Sure, at least they have several million pound houses to hide it away in guest bedrooms, but since their focus seems to be on a really good party, respect their wishes and make the charity donation.

sunlove · 05/02/2019 10:15

Wow! Thank you so much for all the replies. This is only the second wedding I’ve been to as an adult, so not sure of etiquette.

I’ll get a nice card and make a donation Smile then maybe offer to take them for dinner or drinks when they’re back to hear about their honeymoon.

OP posts:
Tinty · 05/02/2019 10:16

If you are any good at taking pictures, I would maybe try to take a nice picture of them on the day and then send it to them for when they get back from their honeymoon. Nice card, charity donation done.
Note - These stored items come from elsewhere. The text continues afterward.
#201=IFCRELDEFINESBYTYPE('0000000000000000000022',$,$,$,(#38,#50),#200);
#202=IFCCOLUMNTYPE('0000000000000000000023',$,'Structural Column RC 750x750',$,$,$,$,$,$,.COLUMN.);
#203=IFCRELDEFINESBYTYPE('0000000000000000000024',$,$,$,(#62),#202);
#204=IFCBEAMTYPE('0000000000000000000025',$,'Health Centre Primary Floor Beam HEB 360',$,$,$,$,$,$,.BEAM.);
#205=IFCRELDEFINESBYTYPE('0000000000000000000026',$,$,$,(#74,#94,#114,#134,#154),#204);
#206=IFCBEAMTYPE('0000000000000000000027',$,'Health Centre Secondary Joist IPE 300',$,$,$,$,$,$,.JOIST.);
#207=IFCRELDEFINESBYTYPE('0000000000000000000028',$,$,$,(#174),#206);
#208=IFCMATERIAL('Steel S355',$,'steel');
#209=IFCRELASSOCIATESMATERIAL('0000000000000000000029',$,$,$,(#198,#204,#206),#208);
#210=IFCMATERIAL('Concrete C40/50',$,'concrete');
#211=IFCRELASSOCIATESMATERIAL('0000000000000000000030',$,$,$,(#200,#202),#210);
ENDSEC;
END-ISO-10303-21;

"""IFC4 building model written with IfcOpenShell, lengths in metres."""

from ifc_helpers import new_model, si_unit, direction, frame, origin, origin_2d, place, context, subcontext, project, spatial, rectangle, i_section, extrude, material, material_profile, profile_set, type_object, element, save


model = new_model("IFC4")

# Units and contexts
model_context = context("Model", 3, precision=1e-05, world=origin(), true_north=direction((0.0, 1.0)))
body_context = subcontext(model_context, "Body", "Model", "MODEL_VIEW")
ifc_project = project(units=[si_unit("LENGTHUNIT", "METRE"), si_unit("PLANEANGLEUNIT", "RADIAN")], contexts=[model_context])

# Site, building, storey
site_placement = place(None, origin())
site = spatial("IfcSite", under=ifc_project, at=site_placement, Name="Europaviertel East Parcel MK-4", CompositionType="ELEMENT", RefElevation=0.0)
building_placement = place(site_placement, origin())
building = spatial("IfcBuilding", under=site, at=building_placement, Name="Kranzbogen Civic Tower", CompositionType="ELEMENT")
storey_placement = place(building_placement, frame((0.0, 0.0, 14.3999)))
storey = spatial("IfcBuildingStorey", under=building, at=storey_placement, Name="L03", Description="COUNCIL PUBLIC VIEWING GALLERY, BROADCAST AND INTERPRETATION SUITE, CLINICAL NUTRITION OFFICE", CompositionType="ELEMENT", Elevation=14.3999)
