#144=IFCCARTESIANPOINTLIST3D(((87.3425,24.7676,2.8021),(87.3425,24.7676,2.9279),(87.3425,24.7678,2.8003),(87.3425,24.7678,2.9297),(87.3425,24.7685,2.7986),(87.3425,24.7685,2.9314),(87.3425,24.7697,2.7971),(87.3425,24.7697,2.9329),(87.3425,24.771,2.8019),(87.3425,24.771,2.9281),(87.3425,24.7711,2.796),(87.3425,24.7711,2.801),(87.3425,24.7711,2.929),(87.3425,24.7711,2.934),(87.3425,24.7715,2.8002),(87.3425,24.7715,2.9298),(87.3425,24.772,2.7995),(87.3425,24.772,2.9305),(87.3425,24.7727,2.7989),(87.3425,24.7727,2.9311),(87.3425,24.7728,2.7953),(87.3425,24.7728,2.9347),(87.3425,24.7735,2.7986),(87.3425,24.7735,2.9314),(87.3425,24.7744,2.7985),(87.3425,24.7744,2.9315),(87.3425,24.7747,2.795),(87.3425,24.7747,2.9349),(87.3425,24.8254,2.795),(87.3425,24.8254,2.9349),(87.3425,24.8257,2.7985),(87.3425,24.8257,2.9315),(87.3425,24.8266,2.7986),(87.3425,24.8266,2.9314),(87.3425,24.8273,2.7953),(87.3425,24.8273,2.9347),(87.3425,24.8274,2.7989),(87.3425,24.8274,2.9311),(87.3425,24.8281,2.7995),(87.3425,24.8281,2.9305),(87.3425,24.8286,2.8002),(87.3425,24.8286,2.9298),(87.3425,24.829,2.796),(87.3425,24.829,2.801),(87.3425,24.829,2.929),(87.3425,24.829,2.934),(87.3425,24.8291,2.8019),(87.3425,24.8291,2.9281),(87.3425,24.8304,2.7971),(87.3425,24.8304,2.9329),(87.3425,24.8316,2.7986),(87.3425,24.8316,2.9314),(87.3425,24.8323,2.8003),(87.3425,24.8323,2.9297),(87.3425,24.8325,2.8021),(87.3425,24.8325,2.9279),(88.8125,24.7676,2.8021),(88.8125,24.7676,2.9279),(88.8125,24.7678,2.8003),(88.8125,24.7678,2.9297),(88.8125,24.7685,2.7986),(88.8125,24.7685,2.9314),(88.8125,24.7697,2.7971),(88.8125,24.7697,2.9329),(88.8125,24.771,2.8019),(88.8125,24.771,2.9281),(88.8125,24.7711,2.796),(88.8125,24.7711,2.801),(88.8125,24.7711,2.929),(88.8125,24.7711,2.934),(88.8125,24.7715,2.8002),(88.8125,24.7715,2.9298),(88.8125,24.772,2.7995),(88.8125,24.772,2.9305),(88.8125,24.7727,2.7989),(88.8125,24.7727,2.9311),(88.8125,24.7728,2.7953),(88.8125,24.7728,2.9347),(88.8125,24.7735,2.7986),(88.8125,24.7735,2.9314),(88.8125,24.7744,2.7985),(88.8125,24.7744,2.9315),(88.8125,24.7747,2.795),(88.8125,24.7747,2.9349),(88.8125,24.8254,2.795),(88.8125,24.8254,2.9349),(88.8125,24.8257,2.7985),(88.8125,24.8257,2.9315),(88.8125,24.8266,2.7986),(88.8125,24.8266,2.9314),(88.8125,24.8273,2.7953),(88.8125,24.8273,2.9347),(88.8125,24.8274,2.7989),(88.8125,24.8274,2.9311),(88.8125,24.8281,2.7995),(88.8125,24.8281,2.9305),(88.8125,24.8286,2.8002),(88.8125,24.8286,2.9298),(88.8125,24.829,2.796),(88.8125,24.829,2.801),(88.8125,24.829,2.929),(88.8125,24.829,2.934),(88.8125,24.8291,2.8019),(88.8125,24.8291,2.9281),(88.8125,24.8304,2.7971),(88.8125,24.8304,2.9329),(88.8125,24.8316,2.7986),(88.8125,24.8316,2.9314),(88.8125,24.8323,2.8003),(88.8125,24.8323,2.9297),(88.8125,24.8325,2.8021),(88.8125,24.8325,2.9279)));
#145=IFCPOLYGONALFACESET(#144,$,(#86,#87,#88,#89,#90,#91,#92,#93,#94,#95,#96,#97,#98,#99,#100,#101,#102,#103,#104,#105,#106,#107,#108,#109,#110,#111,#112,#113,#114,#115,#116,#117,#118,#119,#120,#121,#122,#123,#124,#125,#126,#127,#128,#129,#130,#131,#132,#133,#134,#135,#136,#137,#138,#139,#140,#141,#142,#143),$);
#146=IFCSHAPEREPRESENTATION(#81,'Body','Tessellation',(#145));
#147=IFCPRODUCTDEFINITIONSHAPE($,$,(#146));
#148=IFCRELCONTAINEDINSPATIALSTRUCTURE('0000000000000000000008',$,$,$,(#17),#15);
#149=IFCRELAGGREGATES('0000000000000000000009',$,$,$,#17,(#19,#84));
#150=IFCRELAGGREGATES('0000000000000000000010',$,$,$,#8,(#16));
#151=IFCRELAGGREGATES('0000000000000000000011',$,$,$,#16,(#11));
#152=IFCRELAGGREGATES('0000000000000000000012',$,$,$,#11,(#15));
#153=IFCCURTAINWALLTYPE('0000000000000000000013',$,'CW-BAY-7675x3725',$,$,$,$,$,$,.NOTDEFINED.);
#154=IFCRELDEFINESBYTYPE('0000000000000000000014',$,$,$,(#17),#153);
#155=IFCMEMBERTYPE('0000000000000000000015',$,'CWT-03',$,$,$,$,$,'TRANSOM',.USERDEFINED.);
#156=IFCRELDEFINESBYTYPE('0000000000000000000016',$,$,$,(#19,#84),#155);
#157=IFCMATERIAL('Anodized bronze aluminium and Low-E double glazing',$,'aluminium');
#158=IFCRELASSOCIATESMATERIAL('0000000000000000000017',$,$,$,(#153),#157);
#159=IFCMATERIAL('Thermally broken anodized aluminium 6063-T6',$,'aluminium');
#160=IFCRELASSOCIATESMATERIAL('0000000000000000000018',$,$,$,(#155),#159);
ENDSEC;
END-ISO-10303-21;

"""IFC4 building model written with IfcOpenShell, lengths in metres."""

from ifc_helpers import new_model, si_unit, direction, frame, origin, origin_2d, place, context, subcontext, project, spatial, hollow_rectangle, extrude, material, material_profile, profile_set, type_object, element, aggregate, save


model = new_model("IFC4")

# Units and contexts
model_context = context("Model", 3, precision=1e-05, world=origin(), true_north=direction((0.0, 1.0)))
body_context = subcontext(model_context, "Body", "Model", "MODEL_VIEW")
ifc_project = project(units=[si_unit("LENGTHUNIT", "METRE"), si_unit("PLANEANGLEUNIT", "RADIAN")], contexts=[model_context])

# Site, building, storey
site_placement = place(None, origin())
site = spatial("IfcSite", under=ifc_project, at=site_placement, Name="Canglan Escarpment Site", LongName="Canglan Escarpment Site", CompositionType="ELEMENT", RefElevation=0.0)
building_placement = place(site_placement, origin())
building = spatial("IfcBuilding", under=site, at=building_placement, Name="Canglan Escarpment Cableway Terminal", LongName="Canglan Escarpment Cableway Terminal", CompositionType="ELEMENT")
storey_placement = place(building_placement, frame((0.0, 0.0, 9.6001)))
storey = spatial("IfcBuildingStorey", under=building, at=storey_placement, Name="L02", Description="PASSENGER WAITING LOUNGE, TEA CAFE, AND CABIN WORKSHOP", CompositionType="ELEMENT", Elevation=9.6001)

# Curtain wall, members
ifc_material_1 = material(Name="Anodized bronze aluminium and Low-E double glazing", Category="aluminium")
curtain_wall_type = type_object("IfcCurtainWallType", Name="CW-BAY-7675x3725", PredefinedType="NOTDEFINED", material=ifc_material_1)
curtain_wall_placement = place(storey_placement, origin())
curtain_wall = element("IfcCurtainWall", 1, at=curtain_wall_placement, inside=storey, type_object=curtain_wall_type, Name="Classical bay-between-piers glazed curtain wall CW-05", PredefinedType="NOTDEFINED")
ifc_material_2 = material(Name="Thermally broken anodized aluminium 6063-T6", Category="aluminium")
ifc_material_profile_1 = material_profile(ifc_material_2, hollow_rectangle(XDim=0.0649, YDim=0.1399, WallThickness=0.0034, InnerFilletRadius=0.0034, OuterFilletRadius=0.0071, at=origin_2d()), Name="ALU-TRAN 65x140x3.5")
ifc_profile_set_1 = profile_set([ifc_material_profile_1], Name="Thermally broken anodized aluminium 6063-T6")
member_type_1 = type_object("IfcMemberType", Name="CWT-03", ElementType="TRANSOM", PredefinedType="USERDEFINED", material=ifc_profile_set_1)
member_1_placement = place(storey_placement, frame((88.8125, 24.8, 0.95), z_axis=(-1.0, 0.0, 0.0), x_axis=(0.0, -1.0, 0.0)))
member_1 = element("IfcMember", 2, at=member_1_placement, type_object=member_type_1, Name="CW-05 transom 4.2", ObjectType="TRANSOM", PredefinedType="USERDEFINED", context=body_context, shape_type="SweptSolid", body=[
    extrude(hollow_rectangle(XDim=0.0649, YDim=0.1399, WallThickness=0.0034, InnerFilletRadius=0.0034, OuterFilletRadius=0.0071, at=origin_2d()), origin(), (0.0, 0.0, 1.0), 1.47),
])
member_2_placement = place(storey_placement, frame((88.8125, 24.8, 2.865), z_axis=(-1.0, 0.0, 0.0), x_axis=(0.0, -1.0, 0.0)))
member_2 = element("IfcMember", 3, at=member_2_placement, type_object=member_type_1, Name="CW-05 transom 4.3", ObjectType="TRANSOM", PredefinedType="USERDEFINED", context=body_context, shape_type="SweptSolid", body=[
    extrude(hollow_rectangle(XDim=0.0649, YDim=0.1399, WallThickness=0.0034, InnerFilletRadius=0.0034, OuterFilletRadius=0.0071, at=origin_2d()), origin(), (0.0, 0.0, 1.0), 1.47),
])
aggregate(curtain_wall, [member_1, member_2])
JasperKarat · 05/02/2019 10:17

I'd go with their wishes, if you happen to take any lovely candid pictures, you could frame one and give it as a thank you after the wedding

Downtheroadfirstonleft · 05/02/2019 10:23

Great idea from Tinty!

SheepyFun · 05/02/2019 11:12

thecatsthecats I know just what you mean! Though we certainly aren't millionaires. We though asking for charity donations would minimise unwanted gift (as well as helping causes we cared about), but it didn't entirely eliminate them.

KillerSpider · 05/02/2019 11:20

You can’t go wrong with an ironing board.

greendale17 · 05/02/2019 11:22

Voucher for their favourite restaurant

BelfastSmile · 05/02/2019 11:23

We did the same at our wedding. We were having a small do, and we just didn't want people spending a fortune - we already had all the household stuff we needed anyway, and our house is small, so we've no space to store things.

A few people insisted on bringing presents, but most made a donation (we didn't specify a charity).

A close friend bought us some nice plants for the garden, which we still have. A few bought vouchers for a meal out, or a book token, which we enjoyed.

So in your shoes, since you're close to them, I'd maybe get a nice plant as well as the donation.

Fuei · 05/02/2019 11:39

We asked for charity donations, not because we're well off but because it meant a lot to us to do so. It definitely confused a few of our older relatives, but they all went with it, so do follow what they have asked and get something small and personal if you feel you have to, but not to the point it diminishes what you would donate.